Unnamed: 0,Baker House,Beazley House,Dominguez House,Hamilton House,James House,Martinez House,Roberts House,Smith House,Snyder House,Zuckerman House
0,7420,14115,14260,6120,11250,9600,9550,8450,10084,10382
1,BrkSide,Mitchel,NoRidge,OldTown,CollgCr,Veenker,Crawfor,CollgCr,Somerst,NWAmes
2,1939,1993,2000,1931,2001,1976,1915,2003,2004,1973
3,5,5,8,7,7,6,7,7,8,7
4,118000,143000,250000,129900,223500,181500,140000,208500,307000,200000


This is not the format we want for our data. Instead, we want each house represented as a row and the attributes of the houses represented as columns. There are (at least) two ways to transform the data frame to the format we want. Both methods below will return the same result - a data frame with houses as rows and house attributes as columns.

In [75]:
colnames = ['LotSize','Neighborhood','YearBuilt','Quality','SalePrice']

# You can transpose the result and adjust the column names.
dict_df_transpose = pd.DataFrame(house_dict).transpose()

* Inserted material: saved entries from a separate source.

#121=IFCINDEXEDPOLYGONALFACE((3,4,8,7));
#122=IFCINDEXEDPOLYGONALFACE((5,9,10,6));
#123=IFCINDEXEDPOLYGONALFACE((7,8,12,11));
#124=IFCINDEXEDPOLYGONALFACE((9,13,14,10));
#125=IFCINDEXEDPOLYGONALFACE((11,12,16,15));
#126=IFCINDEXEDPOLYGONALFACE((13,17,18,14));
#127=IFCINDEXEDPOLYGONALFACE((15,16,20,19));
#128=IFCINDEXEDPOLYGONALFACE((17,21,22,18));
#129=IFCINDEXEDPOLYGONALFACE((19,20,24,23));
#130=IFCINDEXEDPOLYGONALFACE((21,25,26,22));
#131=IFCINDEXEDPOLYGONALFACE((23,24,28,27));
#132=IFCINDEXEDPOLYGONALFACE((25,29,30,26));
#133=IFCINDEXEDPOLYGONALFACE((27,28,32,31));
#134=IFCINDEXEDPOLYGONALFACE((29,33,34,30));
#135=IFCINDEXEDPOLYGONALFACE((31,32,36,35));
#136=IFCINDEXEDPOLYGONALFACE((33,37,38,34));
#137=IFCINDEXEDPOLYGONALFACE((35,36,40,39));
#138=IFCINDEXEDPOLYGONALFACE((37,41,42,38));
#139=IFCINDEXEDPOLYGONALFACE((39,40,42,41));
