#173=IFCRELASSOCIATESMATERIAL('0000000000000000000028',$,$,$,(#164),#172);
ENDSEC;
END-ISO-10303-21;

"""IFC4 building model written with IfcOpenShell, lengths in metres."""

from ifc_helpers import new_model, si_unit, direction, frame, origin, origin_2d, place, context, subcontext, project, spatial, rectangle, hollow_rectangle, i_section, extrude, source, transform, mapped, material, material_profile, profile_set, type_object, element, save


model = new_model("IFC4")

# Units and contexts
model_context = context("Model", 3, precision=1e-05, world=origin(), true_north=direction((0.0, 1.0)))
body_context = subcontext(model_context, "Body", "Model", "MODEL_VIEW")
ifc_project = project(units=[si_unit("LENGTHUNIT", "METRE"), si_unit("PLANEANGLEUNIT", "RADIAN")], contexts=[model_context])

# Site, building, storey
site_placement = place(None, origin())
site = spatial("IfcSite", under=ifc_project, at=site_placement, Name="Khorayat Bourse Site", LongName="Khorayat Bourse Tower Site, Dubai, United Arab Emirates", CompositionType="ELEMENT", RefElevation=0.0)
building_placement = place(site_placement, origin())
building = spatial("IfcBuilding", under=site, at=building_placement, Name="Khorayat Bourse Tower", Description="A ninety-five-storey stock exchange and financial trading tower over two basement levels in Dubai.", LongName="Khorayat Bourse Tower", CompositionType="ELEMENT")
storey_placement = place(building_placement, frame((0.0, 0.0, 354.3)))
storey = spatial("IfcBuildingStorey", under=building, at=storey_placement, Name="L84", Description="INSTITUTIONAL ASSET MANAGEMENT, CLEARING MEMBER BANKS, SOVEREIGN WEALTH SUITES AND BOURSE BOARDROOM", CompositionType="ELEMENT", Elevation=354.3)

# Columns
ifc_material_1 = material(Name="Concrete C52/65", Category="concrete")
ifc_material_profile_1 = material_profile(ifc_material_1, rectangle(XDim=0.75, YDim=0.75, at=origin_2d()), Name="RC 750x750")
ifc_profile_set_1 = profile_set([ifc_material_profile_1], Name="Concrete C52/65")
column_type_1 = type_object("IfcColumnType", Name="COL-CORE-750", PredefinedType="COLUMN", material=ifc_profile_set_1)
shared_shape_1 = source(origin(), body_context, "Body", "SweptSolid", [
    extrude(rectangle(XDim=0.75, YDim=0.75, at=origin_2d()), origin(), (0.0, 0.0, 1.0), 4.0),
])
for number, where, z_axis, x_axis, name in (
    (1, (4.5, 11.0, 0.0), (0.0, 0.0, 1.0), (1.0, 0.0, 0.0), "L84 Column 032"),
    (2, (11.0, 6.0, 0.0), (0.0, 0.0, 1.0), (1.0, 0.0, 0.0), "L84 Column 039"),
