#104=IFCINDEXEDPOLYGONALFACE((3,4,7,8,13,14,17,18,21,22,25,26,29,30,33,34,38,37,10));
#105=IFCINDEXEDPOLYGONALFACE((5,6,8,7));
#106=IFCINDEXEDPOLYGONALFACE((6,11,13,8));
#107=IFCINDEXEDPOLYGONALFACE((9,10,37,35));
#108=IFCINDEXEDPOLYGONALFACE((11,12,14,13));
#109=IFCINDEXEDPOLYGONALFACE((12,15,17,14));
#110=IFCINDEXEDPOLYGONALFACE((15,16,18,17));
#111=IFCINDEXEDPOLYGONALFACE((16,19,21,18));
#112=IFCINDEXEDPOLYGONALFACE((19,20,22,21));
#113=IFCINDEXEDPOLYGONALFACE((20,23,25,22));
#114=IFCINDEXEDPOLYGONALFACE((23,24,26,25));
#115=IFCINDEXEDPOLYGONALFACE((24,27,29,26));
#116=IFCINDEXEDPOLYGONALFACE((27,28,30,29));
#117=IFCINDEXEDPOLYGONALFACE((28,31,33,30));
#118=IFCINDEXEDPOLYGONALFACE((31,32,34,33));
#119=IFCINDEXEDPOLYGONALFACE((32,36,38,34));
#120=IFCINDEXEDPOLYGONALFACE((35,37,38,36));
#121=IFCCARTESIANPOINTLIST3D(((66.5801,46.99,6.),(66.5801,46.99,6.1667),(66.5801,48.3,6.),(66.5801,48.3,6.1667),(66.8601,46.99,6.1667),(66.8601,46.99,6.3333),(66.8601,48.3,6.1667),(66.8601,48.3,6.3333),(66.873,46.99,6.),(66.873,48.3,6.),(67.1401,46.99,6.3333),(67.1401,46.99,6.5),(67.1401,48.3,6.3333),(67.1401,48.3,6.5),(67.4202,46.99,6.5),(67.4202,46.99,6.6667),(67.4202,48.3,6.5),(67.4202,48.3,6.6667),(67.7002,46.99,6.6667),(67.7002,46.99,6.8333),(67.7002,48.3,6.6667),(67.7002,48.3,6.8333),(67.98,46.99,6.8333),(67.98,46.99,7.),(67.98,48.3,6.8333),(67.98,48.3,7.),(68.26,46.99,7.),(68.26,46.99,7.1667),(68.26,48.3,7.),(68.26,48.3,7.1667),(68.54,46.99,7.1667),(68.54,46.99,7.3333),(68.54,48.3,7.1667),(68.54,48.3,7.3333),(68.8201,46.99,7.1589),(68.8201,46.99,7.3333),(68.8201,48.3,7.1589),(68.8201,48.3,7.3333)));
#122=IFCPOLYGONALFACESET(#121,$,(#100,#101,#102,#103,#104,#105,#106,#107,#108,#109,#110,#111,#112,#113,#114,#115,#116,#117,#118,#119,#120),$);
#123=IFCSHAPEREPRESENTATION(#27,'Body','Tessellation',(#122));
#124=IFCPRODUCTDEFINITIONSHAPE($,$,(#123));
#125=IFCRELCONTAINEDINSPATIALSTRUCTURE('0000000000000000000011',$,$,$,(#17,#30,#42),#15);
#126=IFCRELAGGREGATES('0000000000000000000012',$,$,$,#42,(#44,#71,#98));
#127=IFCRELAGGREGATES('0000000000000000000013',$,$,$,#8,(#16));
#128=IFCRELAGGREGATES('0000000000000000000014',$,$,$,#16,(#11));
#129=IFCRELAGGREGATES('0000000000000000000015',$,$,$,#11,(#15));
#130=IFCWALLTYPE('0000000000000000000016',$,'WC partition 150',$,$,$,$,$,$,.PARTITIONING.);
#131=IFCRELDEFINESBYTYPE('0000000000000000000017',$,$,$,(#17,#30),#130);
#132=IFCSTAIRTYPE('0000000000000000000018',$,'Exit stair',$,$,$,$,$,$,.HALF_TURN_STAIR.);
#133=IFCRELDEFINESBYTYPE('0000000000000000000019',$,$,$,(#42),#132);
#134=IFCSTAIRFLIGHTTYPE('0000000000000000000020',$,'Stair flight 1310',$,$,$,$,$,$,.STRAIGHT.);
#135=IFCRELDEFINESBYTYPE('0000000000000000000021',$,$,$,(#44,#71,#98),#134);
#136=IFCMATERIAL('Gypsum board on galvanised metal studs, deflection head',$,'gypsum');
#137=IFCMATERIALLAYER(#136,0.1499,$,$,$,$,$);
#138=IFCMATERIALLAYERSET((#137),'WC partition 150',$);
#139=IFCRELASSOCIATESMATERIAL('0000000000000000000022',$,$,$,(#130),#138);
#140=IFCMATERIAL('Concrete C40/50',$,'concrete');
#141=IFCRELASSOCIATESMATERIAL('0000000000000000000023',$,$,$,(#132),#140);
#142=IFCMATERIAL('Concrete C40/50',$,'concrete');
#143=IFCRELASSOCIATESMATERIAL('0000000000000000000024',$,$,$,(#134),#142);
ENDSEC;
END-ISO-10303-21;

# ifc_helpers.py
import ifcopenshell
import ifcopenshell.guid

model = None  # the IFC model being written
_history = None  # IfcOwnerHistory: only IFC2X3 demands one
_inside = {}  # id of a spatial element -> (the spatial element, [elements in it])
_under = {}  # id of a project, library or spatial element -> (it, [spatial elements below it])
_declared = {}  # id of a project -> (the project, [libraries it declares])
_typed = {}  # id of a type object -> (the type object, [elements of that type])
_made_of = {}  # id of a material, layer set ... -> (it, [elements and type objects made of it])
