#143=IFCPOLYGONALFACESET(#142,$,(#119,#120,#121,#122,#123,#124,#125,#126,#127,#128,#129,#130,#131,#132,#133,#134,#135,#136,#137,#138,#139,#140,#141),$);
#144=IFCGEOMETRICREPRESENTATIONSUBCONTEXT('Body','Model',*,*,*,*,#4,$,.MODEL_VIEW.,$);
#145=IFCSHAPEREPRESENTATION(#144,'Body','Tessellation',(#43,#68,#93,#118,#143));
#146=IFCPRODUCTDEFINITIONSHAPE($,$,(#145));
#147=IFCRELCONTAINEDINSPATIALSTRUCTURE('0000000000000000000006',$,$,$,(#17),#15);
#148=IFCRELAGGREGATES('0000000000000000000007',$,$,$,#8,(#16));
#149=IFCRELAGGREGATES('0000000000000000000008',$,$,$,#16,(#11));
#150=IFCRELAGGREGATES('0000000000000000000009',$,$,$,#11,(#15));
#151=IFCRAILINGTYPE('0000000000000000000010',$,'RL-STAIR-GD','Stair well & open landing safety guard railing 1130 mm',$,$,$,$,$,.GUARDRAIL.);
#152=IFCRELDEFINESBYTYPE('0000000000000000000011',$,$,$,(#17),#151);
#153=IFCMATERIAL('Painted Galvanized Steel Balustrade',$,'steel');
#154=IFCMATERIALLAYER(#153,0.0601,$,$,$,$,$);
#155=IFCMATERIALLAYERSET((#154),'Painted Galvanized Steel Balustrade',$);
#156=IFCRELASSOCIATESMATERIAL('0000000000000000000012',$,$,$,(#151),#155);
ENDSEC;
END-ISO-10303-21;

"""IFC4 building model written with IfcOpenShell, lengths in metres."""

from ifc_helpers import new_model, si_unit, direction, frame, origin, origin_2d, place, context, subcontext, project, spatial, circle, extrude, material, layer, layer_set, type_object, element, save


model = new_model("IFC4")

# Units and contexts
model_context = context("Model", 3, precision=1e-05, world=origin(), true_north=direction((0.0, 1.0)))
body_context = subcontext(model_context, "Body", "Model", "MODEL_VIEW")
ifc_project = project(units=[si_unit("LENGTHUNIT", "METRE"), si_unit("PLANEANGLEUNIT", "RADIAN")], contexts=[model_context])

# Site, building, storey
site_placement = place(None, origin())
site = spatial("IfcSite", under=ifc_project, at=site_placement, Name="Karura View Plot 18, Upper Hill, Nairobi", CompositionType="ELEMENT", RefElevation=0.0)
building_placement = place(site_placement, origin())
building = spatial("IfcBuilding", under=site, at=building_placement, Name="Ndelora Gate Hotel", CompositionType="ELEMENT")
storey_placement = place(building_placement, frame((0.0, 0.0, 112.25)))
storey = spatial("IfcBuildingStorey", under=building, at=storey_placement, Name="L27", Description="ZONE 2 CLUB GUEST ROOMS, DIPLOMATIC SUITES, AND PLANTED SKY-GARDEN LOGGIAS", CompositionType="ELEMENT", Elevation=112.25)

#add columns (i.e. colnames)


dict_df_transpose.columns = colnames
#dict_df_transpose.transpose().transpose()

dict_df_transpose.head()

Unnamed: 0,LotSize,Neighborhood,YearBuilt,Quality,SalePrice
Baker House,7420,BrkSide,1939,5,118000
Beazley House,14115,Mitchel,1993,5,143000
Dominguez House,14260,NoRidge,2000,8,250000
Hamilton House,6120,OldTown,1931,7,129900
James House,11250,CollgCr,2001,7,223500


In [76]:
# Or you can add the from_dict method and specify 'index' for the orient parameter, and then adjust your column names.
houses = pd.DataFrame.from_dict(house_dict, orient='index')
houses.columns = colnames
houses

Unnamed: 0,LotSize,Neighborhood,YearBuilt,Quality,SalePrice
Baker House,7420,BrkSide,1939,5,118000
Beazley House,14115,Mitchel,1993,5,143000
Dominguez House,14260,NoRidge,2000,8,250000
Hamilton House,6120,OldTown,1931,7,129900
James House,11250,CollgCr,2001,7,223500
Martinez House,9600,Veenker,1976,6,181500
Roberts House,9550,Crawfor,1915,7,140000
Smith House,8450,CollgCr,2003,7,208500
Snyder House,10084,Somerst,2004,8,307000
Zuckerman House,10382,NWAmes,1973,7,200000


## Applying Mathematical Functions to Dataframes

Like Numpy, Pandas also has some built-in mathematical functions that you can apply to series and data frames. Let's take a look at some of the basic ones.

In [78]:
# Total price of all houses sold
houses['SalePrice'].sum()

1901400

In [79]:
# Average lot size of houses sold
houses['LotSize'].mean()

10123.1

In [None]:
#@title
# The latest year a house in the data set was built


In [81]:
# The earliest year a house in the data set was built
houses['YearBuilt'].max()

2004

## Summary

In this lesson, we learned about the two basic Pandas data structures - Series and DataFrames. We also learned how to reference the elements of a series and how to extract specific columns from a data frame. From there, we converted other Python data structures, such as lists and dictionaries, into Pandas DataFrames. Finally, we briefly looked at some basic mathematical functions that can be applied to a data frame's columns. We will be using all of these concepts and math functions as we progress through the program.